TASK 2.2.1–What are the two variables? Your answer should include a brief description and be more than simply the variable name.

Pose a research question

TASK 2.2.2–What would be a reasonable research question to ask about this parameter? Your answer should make sense practically.

TASK 2.2.3–Write the null and alternative hypotheses in terms of the population parameter. In this case, I want you to perform a hypothesis test. Later, I’ll also have you build the CI.

Perform EDA

Remember, a good EDA should attempt to answer the research questions and also identify any issues that might impact eventual inference.

TASK 2.2.4–Generate a relevant plot for your research question.

TASK 2.2.5–Calculate the summary statistics that are most relevant to your hypothesis test.

TASK 2.2.6–Write a few sentences summarizing what you learned from your EDA

Answer the question using inference

To answer your research question, you’ll need to test the hypotheses you defined earlier.

TASK 2.2.7–What is the name of the statistical test will you perform to test the hypotheses?

TASK 2.2.8–Did your EDA indicate any problems with performing this test?
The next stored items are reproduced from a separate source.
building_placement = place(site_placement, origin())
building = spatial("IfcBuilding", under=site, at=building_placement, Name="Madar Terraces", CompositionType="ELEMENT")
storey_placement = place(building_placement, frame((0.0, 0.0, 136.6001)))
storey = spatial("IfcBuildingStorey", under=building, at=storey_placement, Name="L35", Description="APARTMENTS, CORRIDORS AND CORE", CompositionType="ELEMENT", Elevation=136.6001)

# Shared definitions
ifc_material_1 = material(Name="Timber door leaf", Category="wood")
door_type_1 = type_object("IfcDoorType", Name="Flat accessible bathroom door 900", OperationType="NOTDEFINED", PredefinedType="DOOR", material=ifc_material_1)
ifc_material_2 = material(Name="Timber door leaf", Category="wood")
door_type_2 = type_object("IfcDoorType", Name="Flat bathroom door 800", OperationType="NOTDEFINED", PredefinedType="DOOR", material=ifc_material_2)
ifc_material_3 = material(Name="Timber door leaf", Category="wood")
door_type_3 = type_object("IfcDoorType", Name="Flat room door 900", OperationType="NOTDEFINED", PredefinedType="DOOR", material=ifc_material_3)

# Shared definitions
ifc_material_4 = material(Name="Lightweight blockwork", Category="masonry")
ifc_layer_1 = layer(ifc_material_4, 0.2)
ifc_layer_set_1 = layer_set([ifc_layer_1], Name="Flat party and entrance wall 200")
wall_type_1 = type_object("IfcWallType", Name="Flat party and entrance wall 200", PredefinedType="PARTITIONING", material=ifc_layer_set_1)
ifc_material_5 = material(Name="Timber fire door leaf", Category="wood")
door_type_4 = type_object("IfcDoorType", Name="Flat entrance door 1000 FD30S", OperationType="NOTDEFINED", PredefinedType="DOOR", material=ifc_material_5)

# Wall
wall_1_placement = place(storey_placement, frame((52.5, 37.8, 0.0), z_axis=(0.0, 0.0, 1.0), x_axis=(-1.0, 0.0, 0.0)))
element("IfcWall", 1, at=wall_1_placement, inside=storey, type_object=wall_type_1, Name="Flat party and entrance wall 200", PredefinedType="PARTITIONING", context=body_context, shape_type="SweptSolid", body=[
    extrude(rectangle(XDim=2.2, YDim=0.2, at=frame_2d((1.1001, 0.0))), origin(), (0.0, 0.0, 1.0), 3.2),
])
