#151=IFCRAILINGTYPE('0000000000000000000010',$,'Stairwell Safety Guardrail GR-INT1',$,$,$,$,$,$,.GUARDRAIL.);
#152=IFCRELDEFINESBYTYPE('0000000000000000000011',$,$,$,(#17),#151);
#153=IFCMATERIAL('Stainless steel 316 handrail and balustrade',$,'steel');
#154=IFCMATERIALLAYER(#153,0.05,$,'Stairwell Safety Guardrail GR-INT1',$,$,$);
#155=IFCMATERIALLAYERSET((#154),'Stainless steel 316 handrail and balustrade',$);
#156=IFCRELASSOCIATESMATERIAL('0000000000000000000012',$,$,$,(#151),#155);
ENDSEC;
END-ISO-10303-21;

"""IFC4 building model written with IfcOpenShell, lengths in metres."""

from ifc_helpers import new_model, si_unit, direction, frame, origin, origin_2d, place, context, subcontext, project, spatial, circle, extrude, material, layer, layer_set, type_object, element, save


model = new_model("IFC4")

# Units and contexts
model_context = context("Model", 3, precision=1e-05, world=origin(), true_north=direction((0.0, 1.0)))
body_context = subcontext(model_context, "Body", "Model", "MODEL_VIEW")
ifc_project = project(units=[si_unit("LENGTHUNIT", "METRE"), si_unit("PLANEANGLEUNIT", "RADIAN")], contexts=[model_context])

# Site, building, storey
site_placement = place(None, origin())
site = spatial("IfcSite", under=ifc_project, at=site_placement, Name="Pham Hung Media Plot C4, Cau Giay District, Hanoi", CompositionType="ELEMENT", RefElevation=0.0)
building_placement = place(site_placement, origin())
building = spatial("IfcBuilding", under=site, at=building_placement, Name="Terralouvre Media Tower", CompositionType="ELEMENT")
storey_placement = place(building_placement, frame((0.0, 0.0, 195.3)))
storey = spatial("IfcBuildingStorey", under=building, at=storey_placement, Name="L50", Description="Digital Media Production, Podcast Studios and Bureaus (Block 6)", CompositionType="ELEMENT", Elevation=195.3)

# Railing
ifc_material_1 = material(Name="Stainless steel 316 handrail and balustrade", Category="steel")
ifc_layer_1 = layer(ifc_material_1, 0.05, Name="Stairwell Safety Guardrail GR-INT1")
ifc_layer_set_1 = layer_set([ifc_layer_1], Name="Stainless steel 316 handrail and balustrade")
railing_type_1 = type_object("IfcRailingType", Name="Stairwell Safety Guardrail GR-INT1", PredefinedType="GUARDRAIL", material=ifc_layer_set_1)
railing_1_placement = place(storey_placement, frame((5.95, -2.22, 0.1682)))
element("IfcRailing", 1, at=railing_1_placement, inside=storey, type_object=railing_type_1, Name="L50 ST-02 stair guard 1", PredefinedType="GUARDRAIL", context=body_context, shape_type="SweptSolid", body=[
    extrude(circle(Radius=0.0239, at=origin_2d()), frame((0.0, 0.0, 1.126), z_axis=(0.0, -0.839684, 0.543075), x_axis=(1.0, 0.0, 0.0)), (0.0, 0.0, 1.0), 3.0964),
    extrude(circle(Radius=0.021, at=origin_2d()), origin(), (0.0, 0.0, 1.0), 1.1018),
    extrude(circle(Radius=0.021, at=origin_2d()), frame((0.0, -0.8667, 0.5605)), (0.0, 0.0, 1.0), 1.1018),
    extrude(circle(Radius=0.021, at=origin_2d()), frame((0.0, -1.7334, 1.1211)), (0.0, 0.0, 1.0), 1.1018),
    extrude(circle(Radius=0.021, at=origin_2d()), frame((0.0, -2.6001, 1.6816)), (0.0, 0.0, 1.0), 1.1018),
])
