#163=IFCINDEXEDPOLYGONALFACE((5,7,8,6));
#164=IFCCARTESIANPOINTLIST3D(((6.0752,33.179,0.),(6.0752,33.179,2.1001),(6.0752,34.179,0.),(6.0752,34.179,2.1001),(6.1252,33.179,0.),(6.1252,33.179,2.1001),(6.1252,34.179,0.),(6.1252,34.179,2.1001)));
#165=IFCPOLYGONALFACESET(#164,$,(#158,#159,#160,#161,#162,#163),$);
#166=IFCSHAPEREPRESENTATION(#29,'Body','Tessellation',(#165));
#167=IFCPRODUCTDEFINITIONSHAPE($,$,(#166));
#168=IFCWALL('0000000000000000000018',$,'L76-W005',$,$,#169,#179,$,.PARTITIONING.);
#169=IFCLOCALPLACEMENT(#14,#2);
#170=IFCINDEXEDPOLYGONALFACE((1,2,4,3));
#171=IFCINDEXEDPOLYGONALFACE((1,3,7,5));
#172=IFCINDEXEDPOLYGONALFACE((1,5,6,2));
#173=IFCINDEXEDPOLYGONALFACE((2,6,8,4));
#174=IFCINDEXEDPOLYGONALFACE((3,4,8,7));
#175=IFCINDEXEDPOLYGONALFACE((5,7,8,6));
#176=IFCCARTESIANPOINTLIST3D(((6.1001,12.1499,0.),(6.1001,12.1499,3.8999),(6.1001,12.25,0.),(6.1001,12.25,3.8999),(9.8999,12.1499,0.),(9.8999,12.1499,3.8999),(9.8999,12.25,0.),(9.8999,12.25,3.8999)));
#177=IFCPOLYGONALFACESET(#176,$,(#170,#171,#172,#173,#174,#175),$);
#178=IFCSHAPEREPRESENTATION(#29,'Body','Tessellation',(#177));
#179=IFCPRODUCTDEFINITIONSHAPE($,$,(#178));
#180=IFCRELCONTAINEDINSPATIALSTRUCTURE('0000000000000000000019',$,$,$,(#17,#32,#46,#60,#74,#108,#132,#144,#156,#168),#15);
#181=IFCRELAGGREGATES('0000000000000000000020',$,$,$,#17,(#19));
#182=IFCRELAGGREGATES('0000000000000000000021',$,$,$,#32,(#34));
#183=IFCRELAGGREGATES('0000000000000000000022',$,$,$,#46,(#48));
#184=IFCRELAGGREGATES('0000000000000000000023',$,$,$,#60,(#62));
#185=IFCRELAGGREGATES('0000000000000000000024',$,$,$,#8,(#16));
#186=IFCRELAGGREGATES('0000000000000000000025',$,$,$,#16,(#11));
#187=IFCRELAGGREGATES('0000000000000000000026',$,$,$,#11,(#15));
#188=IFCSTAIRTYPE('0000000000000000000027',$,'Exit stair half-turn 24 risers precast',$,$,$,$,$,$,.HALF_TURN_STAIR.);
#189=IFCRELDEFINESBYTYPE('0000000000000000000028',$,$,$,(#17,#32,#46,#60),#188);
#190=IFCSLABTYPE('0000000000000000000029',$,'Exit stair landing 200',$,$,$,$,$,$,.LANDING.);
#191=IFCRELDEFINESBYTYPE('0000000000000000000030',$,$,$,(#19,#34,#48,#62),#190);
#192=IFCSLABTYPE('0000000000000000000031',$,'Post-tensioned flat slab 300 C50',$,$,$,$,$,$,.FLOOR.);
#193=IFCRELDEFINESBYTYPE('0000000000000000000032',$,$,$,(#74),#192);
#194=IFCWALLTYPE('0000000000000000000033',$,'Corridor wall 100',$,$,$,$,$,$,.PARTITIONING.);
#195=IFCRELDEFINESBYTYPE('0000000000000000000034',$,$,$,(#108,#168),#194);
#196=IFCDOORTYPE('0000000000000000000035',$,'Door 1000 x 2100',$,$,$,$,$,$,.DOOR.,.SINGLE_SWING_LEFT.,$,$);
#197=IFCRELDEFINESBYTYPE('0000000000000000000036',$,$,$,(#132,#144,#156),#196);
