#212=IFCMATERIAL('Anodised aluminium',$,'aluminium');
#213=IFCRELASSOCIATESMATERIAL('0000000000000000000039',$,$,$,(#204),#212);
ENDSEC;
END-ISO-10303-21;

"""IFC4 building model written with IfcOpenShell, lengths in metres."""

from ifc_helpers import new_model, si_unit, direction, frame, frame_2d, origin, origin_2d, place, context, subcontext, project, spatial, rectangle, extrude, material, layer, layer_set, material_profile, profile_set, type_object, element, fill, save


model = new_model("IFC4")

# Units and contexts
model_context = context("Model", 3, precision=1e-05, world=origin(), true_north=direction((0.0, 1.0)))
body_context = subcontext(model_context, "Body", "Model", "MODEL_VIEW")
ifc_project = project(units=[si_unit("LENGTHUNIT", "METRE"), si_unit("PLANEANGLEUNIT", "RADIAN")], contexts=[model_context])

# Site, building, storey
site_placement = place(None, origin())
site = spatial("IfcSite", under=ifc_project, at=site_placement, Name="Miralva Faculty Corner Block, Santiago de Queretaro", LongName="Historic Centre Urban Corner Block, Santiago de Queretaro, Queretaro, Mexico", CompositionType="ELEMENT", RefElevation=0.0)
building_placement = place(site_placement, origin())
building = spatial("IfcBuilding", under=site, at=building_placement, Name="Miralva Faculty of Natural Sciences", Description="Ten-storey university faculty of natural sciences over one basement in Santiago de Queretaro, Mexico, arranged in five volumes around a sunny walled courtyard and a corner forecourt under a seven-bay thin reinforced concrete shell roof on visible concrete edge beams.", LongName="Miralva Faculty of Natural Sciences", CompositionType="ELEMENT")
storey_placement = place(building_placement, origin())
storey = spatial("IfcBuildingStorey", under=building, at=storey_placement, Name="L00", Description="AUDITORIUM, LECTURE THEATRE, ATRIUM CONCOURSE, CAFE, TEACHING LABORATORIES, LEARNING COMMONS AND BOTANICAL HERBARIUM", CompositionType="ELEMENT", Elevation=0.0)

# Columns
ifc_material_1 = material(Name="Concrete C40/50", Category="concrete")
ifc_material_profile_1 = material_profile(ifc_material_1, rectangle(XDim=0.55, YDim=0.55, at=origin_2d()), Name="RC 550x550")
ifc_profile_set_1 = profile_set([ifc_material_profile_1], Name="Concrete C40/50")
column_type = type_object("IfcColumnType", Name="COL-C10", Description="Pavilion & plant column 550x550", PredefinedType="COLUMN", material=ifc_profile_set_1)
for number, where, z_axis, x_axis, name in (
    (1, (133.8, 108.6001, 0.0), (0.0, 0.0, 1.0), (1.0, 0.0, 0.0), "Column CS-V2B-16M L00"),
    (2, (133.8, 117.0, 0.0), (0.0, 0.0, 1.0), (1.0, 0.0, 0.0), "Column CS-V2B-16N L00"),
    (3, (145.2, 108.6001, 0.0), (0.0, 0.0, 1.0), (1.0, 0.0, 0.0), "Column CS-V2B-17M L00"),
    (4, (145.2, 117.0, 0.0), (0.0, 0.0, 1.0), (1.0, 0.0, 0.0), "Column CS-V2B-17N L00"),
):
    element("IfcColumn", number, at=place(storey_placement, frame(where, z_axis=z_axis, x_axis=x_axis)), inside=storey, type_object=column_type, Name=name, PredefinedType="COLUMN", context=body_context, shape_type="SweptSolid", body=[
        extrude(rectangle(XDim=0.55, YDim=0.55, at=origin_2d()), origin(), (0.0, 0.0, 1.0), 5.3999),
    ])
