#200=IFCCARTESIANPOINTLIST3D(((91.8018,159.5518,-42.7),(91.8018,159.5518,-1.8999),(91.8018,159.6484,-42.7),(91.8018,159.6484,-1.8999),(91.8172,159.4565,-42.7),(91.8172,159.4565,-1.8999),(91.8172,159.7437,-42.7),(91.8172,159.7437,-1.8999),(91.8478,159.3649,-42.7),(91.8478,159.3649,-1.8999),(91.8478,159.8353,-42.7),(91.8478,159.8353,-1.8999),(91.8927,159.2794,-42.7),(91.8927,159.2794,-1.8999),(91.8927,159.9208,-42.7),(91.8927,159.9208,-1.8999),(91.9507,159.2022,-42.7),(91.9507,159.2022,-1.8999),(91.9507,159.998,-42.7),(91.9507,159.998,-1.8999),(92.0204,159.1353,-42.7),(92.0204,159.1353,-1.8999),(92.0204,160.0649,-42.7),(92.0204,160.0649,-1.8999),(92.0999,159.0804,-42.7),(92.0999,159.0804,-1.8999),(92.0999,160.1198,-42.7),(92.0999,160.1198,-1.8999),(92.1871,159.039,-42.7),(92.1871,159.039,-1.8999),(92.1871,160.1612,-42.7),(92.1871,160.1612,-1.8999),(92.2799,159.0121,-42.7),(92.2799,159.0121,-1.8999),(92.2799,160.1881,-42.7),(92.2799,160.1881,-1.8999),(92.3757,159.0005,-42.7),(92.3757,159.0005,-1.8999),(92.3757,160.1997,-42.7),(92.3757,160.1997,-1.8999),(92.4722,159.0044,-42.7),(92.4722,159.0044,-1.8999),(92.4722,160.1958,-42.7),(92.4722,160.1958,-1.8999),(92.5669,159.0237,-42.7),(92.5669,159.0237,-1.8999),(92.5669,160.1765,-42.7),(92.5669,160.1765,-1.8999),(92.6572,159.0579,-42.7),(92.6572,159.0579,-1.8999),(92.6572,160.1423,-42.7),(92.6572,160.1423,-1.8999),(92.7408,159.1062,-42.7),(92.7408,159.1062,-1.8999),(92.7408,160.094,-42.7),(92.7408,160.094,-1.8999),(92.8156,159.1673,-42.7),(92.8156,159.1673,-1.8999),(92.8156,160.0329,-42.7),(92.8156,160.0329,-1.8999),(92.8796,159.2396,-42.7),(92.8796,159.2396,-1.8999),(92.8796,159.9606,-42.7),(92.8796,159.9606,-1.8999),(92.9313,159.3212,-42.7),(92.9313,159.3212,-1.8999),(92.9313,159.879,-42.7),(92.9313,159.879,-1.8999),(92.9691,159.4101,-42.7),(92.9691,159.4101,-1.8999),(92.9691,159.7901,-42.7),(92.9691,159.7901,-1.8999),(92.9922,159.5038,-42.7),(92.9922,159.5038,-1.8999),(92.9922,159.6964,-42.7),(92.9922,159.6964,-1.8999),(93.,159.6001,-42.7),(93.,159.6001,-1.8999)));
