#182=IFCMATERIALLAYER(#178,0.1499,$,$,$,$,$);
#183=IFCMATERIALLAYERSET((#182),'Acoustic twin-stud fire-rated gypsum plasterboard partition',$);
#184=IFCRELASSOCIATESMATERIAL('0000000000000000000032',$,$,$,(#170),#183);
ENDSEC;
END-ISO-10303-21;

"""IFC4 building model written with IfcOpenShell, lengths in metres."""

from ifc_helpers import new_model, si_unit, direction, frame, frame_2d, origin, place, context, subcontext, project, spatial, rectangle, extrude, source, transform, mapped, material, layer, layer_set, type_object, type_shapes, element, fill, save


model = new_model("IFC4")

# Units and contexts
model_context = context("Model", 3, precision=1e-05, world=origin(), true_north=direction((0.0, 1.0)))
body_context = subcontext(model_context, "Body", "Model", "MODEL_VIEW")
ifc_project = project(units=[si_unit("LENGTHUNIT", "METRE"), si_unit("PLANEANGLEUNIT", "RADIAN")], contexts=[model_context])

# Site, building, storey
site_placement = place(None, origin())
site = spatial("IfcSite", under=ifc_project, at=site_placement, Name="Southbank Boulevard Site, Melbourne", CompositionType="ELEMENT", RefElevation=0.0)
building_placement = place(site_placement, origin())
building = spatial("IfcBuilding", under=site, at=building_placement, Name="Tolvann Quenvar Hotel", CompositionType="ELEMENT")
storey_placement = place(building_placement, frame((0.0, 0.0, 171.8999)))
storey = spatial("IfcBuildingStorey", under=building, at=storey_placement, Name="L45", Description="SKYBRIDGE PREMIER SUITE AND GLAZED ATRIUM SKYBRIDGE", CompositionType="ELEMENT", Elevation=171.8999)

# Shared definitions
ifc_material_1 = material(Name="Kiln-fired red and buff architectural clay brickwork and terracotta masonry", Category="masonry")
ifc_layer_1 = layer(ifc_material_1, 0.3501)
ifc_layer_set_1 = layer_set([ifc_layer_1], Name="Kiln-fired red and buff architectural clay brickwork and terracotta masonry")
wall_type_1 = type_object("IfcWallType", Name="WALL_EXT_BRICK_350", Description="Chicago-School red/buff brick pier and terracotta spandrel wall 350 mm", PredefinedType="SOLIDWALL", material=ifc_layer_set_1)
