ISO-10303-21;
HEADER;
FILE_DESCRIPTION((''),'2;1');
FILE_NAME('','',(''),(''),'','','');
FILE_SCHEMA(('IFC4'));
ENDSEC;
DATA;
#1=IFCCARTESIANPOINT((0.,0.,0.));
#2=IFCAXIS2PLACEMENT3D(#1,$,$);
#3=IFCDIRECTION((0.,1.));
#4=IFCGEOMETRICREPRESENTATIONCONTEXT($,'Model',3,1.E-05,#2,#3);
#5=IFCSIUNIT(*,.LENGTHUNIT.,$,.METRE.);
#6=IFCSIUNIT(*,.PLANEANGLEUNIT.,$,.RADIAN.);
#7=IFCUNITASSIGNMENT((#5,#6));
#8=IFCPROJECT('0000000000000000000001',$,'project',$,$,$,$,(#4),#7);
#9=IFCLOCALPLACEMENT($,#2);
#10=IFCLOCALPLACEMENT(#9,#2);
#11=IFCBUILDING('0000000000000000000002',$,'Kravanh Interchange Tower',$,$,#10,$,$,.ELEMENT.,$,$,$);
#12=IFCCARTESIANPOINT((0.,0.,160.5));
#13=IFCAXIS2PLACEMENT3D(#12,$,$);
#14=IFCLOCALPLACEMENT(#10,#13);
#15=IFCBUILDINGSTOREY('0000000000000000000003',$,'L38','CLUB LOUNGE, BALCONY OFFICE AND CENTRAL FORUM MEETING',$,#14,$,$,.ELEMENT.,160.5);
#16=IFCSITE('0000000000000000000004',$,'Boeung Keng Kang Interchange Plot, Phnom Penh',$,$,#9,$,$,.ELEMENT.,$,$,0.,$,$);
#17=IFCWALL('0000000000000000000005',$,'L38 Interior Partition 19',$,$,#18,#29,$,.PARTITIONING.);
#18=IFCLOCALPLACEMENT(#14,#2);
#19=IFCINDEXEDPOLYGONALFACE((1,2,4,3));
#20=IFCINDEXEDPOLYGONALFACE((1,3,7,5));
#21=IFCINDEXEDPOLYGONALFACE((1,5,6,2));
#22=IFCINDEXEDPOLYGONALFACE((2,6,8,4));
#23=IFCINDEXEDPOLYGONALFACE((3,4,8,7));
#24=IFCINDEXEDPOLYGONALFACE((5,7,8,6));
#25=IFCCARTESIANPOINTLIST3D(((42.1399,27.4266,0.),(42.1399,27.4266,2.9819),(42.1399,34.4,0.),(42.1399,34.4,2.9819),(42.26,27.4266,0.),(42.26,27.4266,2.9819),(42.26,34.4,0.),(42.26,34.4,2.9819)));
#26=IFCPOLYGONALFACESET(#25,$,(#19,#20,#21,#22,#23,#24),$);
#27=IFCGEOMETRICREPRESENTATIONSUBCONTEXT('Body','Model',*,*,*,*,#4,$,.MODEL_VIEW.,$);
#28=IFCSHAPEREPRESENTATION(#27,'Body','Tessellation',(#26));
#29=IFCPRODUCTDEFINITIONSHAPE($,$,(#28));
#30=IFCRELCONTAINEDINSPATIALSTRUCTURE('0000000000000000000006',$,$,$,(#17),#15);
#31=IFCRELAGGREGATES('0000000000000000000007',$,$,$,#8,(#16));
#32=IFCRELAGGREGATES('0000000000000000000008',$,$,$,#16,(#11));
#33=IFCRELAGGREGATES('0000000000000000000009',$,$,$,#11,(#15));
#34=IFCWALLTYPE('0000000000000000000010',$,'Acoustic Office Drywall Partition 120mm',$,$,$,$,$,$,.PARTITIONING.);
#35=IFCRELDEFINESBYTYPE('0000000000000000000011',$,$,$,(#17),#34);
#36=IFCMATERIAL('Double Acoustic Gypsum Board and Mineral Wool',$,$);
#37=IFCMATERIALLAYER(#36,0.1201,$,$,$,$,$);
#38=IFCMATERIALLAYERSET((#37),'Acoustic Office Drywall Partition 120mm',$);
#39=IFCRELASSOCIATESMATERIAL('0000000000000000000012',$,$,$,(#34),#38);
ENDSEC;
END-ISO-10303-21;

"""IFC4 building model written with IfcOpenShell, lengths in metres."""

from ifc_helpers import new_model, si_unit, direction, frame, frame_2d, origin, place, context, subcontext, project, spatial, rectangle, extrude, material, layer, layer_set, type_object, element, save


model = new_model("IFC4")

# Units and contexts
model_context = context("Model", 3, precision=1e-05, world=origin(), true_north=direction((0.0, 1.0)))
body_context = subcontext(model_context, "Body", "Model", "MODEL_VIEW")
ifc_project = project(units=[si_unit("LENGTHUNIT", "METRE"), si_unit("PLANEANGLEUNIT", "RADIAN")], contexts=[model_context])

# Site, building, storey
site_placement = place(None, origin())
site = spatial("IfcSite", under=ifc_project, at=site_placement, Name="Boeung Keng Kang Interchange Plot, Phnom Penh", CompositionType="ELEMENT", RefElevation=0.0)
building_placement = place(site_placement, origin())
building = spatial("IfcBuilding", under=site, at=building_placement, Name="Kravanh Interchange Tower", CompositionType="ELEMENT")
storey_placement = place(building_placement, frame((0.0, 0.0, 160.5)))
storey = spatial("IfcBuildingStorey", under=building, at=storey_placement, Name="L38", Description="CLUB LOUNGE, BALCONY OFFICE AND CENTRAL FORUM MEETING", CompositionType="ELEMENT", Elevation=160.5)

# Wall
ifc_material_1 = material(Name="Double Acoustic Gypsum Board and Mineral Wool")
ifc_layer_1 = layer(ifc_material_1, 0.1201)
ifc_layer_set_1 = layer_set([ifc_layer_1], Name="Acoustic Office Drywall Partition 120mm")
wall_type = type_object("IfcWallType", Name="Acoustic Office Drywall Partition 120mm", PredefinedType="PARTITIONING", material=ifc_layer_set_1)
wall_placement = place(storey_placement, frame((42.2, 27.4265, 0.0), z_axis=(0.0, 0.0, 1.0), x_axis=(0.0, 1.0, 0.0)))
element("IfcWall", 1, at=wall_placement, inside=storey, type_object=wall_type, Name="L38 Interior Partition 19", PredefinedType="PARTITIONING", context=body_context, shape_type="SweptSolid", body=[
    extrude(rectangle(XDim=6.9734, YDim=0.1201, at=frame_2d((3.4868, 0.0))), origin(), (0.0, 0.0, 1.0), 2.9819),
])

save(model, "model.ifc")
That is, are the conditions for inference met?

TASK 2.2.9–Use R to generate the test statistic and p-value.

TASK 2.2.10–Make a conclusion about the null and alternative hypotheses, being sure to answer your research question in context.

TASK 2.2.11–Now use R to calculate a 95% confidence interval for the parameter of interest, and provide an interpretation in context. First, you must ask yourself, “What is the parameter of interest?”